スタディ・イン・ブラウン/クリフォード・ブラウン

   

ブラウニー最初の1枚

クリフォード・ブラウン。
愛称はブラウニー。

「ブラウニーを知るならまずはこの1枚!」と断言しても良いほど、彼の魅力がたっぷりと詰め込まれたアルバムが『スタディ・イン・ブラウン』だ。

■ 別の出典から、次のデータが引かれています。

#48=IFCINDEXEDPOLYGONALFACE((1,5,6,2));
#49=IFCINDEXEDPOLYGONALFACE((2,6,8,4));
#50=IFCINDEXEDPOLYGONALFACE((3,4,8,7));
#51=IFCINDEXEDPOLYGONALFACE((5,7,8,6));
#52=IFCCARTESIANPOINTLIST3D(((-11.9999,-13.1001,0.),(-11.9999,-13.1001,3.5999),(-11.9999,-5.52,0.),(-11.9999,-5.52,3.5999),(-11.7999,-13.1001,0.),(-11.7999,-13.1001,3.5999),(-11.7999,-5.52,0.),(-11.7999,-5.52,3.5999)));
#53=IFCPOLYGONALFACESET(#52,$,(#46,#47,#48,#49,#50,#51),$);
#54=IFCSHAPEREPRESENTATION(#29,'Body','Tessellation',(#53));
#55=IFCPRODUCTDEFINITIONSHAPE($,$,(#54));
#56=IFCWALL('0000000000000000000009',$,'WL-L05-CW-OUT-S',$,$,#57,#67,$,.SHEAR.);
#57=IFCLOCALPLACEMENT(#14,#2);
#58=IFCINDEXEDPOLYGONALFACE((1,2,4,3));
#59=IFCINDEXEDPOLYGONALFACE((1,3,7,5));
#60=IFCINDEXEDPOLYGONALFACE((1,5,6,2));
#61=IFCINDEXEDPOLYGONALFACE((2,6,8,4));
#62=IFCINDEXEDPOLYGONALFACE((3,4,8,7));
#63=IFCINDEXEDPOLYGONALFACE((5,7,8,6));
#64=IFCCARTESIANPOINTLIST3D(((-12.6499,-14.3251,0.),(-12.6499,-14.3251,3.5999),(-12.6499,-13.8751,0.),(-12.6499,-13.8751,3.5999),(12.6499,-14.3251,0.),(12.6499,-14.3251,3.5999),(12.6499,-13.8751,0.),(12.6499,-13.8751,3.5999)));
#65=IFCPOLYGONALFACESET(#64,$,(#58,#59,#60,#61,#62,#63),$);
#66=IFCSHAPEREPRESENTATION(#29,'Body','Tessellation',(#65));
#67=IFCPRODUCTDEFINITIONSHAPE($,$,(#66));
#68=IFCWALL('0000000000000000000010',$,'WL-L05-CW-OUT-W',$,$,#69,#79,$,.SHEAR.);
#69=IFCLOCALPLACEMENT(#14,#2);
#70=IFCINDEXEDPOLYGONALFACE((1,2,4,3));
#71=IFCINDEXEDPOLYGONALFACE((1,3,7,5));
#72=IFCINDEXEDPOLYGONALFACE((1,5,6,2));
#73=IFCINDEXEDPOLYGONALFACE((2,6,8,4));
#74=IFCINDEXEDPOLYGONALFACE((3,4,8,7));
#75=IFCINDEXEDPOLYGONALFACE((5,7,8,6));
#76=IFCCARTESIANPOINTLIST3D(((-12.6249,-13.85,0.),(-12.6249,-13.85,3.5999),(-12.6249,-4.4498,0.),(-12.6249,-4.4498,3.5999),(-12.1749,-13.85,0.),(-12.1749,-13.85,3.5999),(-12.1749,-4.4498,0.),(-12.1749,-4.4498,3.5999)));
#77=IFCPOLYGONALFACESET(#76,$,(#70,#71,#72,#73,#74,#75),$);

実際、これをを聴いてジャズを好きになった人も、私の周りには多い。

それは、トランペットがとても生き生きと、溌剌としているからだろう。

音色といい、フレーズの親しみやすさといい、整然として、かつ、メリハリのある演奏といい、どこを取っても非の打ち所の無いトランペッターだ。

ジャズを知っている、知らない。

ジャズに詳しい、詳しくないなどとは関係なく、リスナーの胸を打つ要素が充分揃っていると思う。

A列車で行こう

このアルバムには、聴かせるところはきっちりと聴かせる整ったアレンジと、歌心溢れるブラウニーのトランペットが目白押しだ。

彼のブライトなトーン、そしてストーリー性のあるアドリブの組み立てには破綻がなく、このアルバムを聴けば、彼は本当に素晴らしいトランペッターだということが実感出来るだろう。

オススメ曲を2つ挙げると、まずは、《A列車で行こう》だろう。

聴きどころは、出だし。
まるで蒸気機関車が出発する直前のようなワクワク感がある。
そして演奏の一番最後の部分。
ドラムのブラシが「カサカサ」とスネアドラムをさする音は、まるで駅に到着して、蒸気を吐き出して一休みをする汽車のようだ。

生き生きとした演奏も素晴らしく、楽しい気分、エネルギーを分けてもらっているような気分になれる。

歌心たっぷりのブルース

そして、もうひとつは《サンドゥ(サンデュ)》。

どこまでも陽性のオーラを放つクリフォード・ブラウン作曲のブルースだ。

彼のアドリブは、起承転結がハッキリとしている上に、すっきりと簡潔。

このナンバーのブラウニーのトランペット、自然と無理をせずに耳が追いかけることが出来るだろう。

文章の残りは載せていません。